But my NEW training calendar in The Netherlands is as follows:

1.     17, 18, 19, 20 and 22, 23 June 2020: 6 days - Business Valuation & Deal Structuring. Location: Uden/ The Netherlands;

2.     24, 25, 26, 27 and 29, 30 June 2020: 6 days - Business Valuation & Deal Structuring. Location: Uden/ The Netherlands;

3.     28, 29, 30, 31 October 2020 + 2, 3 November 2020: 6 days - Business Valuation & Deal Structuring. Location: Amsterdam Zuidas/ The Netherlands;

4.     16, 17, 18, 19 November 2020: 4 days - Financial Modelling in Excel. Location: Amsterdam Zuidas/ The Netherlands.

All info on these open training sessions can be found on: www.joriskersten.nl 

And 130 references on my training sessions can be found on: www.joriskersten.nl 


Introduction of this article on M&A consolidation

In this article I will talk about M&A target consolidation, purchase price allocation (PPA) and asset write ups.

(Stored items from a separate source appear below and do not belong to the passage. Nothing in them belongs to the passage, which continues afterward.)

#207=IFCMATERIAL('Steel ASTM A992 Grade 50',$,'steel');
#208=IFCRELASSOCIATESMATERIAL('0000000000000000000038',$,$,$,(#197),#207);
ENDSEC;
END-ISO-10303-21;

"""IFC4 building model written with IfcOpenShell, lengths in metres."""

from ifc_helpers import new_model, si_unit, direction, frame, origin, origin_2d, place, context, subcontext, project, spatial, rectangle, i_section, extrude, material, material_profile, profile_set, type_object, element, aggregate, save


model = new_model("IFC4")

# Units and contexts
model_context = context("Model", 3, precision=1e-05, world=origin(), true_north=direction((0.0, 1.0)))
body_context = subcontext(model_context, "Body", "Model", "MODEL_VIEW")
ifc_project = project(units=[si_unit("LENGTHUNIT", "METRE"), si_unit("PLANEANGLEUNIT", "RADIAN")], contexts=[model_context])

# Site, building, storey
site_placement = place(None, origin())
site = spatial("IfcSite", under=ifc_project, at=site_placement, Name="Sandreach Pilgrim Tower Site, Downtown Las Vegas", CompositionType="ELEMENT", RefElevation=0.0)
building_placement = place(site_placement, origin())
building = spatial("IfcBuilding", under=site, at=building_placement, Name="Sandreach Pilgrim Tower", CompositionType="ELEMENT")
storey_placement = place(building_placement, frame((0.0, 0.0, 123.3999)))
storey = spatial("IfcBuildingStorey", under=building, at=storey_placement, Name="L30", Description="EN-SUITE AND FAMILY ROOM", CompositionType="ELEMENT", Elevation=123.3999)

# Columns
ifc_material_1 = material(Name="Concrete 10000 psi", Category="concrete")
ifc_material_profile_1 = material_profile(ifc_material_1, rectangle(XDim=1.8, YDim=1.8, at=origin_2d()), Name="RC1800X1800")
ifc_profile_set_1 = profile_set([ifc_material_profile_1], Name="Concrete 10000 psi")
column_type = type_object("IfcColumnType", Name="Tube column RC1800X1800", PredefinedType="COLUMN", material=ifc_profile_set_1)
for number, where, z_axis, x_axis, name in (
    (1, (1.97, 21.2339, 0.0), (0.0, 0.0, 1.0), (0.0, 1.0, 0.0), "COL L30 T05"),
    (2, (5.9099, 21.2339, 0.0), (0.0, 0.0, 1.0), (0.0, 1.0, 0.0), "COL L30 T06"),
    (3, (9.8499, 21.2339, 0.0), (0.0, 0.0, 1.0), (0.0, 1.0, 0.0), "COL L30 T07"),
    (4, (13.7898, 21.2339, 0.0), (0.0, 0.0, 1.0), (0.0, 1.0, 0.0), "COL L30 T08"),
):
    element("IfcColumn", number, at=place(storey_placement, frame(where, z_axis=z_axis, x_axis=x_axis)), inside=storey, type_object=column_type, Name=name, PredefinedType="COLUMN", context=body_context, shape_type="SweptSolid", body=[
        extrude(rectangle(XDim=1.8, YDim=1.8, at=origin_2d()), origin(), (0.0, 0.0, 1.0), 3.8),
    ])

I am NOT an accountant or lawyer, I am a corporate finance consultant involved in M&As, business valuation and financial modelling.

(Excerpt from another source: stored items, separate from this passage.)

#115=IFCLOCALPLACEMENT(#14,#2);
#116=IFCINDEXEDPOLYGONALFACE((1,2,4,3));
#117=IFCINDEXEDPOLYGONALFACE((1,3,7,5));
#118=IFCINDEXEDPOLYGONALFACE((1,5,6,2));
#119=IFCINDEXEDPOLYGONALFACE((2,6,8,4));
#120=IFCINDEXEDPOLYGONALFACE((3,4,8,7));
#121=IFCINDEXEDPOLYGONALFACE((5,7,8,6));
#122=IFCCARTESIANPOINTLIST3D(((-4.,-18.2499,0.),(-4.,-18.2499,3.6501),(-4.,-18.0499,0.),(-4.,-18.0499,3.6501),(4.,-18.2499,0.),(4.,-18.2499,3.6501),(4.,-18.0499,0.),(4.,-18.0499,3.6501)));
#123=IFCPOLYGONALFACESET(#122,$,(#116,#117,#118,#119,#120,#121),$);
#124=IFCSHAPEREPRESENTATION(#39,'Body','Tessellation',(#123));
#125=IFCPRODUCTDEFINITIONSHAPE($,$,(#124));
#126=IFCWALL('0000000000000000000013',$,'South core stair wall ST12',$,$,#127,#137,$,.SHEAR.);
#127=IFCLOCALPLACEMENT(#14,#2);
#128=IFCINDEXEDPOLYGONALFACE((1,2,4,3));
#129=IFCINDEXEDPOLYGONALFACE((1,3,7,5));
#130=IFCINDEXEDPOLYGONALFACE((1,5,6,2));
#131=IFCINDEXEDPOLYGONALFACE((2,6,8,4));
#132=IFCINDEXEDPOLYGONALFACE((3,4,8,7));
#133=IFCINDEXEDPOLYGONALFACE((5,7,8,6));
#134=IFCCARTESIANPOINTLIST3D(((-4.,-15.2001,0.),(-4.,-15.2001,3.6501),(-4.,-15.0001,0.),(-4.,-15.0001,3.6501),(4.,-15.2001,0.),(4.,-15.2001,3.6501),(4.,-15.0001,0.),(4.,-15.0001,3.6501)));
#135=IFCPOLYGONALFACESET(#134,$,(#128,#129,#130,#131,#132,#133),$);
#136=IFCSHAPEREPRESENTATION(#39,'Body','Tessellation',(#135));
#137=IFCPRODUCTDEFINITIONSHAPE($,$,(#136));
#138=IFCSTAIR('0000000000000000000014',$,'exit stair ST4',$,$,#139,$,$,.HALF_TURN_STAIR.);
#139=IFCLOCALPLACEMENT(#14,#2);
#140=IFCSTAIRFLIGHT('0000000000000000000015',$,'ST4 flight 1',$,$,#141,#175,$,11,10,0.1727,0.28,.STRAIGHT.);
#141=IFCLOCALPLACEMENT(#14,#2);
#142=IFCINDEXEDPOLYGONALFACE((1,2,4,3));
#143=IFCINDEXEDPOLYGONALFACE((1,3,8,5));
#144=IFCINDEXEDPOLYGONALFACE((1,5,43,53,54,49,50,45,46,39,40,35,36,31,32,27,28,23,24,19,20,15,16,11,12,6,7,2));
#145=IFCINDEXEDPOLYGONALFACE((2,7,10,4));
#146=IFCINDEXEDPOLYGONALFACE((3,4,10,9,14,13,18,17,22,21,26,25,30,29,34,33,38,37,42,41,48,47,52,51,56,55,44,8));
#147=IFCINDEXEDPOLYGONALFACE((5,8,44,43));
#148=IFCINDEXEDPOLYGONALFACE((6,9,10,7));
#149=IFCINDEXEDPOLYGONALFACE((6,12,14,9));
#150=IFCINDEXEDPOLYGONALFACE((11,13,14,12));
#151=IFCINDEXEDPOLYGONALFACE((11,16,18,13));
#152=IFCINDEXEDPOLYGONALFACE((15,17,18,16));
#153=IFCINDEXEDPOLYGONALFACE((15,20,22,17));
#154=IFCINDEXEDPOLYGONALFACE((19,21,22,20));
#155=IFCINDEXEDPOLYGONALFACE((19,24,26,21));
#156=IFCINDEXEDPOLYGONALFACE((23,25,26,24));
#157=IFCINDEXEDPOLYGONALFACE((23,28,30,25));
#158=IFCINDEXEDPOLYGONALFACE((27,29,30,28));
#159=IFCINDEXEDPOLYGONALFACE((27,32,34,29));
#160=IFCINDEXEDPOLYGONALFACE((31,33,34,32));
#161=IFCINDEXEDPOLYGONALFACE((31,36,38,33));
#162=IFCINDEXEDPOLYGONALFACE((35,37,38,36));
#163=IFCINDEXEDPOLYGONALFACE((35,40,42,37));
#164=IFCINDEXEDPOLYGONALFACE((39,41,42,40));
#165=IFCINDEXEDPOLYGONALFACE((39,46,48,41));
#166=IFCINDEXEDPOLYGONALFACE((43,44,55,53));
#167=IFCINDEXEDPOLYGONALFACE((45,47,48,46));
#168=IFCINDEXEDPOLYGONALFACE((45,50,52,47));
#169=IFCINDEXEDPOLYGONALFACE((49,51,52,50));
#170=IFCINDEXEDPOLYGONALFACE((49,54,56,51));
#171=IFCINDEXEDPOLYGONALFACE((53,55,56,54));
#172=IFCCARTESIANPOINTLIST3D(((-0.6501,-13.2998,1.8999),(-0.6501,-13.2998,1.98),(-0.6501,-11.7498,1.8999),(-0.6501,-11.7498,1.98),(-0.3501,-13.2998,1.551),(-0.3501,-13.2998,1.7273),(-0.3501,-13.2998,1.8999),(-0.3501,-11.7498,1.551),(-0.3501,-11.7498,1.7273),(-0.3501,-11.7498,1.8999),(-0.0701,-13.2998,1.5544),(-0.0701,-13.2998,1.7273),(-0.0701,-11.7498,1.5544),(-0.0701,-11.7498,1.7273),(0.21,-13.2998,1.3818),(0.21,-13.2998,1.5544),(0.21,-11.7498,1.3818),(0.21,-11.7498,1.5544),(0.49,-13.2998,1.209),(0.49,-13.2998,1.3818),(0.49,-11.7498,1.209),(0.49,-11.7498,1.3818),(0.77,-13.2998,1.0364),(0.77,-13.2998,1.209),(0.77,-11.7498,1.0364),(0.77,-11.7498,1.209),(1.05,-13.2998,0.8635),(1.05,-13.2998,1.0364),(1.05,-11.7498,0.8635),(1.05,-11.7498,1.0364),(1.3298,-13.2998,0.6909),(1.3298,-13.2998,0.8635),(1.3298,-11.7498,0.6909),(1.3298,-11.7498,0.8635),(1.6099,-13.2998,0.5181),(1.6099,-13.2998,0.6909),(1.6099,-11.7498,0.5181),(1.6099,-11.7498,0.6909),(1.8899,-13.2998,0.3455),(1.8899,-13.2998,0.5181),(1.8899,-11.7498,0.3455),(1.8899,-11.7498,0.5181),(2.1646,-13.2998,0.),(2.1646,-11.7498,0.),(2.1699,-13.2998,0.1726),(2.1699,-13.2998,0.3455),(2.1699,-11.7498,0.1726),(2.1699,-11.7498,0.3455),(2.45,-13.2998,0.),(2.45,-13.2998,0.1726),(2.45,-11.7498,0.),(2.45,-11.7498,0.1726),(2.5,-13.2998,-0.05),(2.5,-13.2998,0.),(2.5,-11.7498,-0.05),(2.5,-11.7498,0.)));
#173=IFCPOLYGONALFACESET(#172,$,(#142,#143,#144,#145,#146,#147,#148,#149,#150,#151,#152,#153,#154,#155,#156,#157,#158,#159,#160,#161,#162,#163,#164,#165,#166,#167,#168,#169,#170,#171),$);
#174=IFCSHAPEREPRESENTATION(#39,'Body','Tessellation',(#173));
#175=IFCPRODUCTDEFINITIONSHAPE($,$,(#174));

In order to be able to build financial models for valuation, or M&A, you need to have a basic understanding of for example PPA.

Think of for example “Leveraged Buyout (LBO) Analysis”, here you need to estimate the asset write ups and deferred tax liabilities (DTL’s) after the deal.

Also when you build a M&A model to calculate whether the deal is “accretive” or “dilutive”, you need to make these assumptions.

The assumptions you make in a M&A model; this is a model in which you assess the target + buyer in combination), concerning PPA influence the “accretion” or “dilution” in a deal.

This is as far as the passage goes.